Я был несказанно рад только тому, что меня вернули в родную бригаду, в родной экипаж, который находился в резерве. Я мечтал о том, как буду снова и снова громить врага с близкими мне людьми. Находясь в госпитале в Киеве, мне вставили все утраченные зубы. Из-за тяжелого ранения, я пробыл на больничной койке до августа 1944 года. Впереди меня ждали новые испытания.
Эпизод 22: «Мой экипаж — мой дом родной!»
На дворе август. Я в больничной пижаме, слегка подкашливая после ранения, не спеша ковылял по коридору к начальнику госпиталя, где меня ожидала врачебная комиссия. Постучавшись в дверь, я зашел в кабинет генерал майора медицинской службы, профессора Гурьянова.
Его апартаменты более походили на какой-то музей, нежели на кабинет начальника госпиталя. У него на каждом углу стояли бюсты средних размеров каких-то философов и целителей тех давних времен. На его квадратном ломберном столе, стояла ваза с цветами, на фоне которых, красовалась статуэтка великого Гиппократа, заваленная бесконечной кучей медицинских карт. В центре располагался сам профессор, занимавший чуть ли не половину этого стола.
Гурьянов, на вид лет пятидесяти, не особо походил на генерала. Лицо его было объято небольшой щетиной. На переносице строго держались пенсне, и с далека он чем-то похож на Льва Троцкого. На голове, накрахмаленная шапочка, стоящая словно труба. Сам он был полон в теле, и эта полнота была спрятана под белый халат из-под которого просвечивался зеленый мундир с поблескивающими от солнца орденами.

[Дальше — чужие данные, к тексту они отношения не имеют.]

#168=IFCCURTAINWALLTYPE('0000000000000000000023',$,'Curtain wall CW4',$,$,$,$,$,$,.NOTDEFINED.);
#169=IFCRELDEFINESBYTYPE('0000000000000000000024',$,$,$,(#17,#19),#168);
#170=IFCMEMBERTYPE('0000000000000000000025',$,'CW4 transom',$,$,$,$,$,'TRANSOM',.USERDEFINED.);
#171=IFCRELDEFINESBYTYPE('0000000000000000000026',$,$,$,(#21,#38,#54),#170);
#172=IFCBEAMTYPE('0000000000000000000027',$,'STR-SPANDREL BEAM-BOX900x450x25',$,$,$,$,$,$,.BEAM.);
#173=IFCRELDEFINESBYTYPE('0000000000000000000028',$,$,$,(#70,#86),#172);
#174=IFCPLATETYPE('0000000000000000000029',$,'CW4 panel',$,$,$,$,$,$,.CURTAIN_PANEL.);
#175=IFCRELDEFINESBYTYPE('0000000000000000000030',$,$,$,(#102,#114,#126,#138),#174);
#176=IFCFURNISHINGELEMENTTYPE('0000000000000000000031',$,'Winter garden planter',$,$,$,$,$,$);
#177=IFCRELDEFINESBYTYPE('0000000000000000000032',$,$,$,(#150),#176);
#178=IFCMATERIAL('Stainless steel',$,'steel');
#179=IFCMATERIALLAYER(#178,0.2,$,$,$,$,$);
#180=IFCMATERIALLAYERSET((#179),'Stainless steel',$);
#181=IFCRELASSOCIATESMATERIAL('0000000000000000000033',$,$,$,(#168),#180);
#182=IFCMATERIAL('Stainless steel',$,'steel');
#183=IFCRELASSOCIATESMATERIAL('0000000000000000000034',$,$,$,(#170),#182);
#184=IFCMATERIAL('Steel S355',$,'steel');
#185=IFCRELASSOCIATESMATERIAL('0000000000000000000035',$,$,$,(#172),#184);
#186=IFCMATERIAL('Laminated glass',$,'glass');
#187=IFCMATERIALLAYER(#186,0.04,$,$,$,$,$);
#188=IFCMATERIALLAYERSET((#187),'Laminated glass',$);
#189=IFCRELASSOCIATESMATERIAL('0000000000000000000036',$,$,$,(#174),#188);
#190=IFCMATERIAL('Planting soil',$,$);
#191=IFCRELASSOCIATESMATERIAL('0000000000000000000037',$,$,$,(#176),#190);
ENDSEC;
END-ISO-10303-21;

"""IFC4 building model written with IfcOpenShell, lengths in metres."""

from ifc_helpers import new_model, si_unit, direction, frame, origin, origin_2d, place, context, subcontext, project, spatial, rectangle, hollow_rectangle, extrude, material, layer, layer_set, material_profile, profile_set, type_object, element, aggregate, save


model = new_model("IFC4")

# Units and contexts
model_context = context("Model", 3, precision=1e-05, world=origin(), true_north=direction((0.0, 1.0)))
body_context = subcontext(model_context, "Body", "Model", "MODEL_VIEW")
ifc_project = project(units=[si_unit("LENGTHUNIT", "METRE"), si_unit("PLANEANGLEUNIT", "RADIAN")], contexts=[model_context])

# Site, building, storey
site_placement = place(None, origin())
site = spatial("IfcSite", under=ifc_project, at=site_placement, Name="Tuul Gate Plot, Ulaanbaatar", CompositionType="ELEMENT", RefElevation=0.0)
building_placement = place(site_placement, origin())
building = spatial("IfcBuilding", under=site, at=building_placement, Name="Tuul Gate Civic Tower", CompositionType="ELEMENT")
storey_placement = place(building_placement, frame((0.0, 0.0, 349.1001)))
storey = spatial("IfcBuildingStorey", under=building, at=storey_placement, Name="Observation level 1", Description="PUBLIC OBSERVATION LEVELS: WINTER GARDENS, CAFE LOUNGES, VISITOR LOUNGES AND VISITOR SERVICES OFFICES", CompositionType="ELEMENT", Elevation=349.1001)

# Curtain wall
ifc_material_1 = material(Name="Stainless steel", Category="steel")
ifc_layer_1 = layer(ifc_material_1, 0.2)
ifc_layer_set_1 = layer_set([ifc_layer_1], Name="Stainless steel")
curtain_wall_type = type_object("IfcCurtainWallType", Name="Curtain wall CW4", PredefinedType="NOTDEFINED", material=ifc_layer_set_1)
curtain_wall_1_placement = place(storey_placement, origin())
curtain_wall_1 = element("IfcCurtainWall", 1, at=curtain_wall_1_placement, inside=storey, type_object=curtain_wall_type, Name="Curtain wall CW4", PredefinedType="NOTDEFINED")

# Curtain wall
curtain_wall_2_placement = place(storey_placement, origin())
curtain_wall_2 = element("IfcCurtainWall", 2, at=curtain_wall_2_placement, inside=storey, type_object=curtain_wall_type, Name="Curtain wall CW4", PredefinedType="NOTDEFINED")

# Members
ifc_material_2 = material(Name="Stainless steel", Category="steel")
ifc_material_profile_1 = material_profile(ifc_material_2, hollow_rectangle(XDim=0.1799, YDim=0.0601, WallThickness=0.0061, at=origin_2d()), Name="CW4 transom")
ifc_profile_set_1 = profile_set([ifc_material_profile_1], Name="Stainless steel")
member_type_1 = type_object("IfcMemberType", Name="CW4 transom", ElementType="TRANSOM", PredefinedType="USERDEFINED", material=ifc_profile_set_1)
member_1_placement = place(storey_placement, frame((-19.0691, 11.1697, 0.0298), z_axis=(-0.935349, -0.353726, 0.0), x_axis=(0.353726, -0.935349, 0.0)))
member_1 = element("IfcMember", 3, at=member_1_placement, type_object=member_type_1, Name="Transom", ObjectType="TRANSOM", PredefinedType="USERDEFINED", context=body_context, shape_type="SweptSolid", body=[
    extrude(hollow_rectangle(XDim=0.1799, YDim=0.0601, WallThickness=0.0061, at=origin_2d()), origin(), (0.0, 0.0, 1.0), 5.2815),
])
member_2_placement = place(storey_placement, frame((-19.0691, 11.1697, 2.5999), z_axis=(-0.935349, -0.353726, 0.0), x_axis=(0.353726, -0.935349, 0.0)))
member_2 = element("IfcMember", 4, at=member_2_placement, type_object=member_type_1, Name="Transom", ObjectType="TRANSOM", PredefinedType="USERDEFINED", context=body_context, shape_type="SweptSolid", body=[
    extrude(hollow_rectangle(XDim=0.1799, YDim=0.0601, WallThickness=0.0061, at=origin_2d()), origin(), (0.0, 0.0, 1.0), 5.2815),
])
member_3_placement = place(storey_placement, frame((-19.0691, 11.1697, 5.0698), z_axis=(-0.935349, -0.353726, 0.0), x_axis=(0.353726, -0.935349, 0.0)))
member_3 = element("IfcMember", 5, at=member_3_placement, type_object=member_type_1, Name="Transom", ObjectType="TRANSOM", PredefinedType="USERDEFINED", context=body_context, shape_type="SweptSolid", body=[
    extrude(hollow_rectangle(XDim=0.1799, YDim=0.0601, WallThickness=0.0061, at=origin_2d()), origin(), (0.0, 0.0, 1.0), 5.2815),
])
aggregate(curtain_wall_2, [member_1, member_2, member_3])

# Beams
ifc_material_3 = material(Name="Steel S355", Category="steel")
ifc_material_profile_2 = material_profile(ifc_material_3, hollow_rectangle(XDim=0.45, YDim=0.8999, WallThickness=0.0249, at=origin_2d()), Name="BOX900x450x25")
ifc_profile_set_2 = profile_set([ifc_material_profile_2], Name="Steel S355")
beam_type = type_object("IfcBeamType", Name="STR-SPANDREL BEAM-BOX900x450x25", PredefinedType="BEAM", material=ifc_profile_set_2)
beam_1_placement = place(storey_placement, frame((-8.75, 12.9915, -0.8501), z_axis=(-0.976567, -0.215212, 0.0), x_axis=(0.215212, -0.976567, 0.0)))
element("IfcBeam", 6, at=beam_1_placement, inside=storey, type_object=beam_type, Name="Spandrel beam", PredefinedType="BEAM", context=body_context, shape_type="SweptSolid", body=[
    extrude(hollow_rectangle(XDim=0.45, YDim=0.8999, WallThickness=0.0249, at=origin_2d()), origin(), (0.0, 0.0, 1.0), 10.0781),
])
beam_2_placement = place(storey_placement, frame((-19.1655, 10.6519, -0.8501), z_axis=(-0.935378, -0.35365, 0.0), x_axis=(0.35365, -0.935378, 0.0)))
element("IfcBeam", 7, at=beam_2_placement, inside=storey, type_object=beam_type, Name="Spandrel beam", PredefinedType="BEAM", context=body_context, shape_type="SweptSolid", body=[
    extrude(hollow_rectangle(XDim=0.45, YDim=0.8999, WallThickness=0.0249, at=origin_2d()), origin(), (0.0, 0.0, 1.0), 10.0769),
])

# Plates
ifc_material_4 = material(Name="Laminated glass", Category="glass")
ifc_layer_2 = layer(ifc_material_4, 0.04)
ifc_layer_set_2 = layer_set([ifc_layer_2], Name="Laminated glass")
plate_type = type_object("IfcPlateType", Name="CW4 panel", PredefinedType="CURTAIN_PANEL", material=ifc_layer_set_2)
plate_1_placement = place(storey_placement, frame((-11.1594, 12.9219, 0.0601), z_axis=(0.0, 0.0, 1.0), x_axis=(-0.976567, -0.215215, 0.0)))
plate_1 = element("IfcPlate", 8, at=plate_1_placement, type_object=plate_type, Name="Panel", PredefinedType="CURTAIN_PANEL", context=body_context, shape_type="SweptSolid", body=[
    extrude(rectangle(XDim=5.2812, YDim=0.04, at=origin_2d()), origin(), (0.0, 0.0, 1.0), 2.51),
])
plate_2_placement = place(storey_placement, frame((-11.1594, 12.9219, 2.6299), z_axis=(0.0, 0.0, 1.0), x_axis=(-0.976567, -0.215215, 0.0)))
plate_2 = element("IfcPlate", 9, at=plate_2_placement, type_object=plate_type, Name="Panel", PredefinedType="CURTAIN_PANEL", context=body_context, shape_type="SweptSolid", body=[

Рядом, по правую руку от генерала, сидел майор госбезопасности Кулагин, мой освободитель и в дальнейшем самый близкий человек. Он постоянно крутил в руке папиросу, хотя сам не курящий. Слева сидела помощница Гурьянова — подполковник Фисенко. Эта женщина довольно с тяжелым характером и крутым нравом, больше походила на мужика. Волосы её были коротко сострижены. Белый халат, немного пожелтевший после многочисленных стирок, не застёгивался на её огромном бюсте. Она достала моё личное дело и медицинскую карту, передав их Гурьянову и Кулагину. Те, листая мои бумаги, параллельно рассматривали и меня.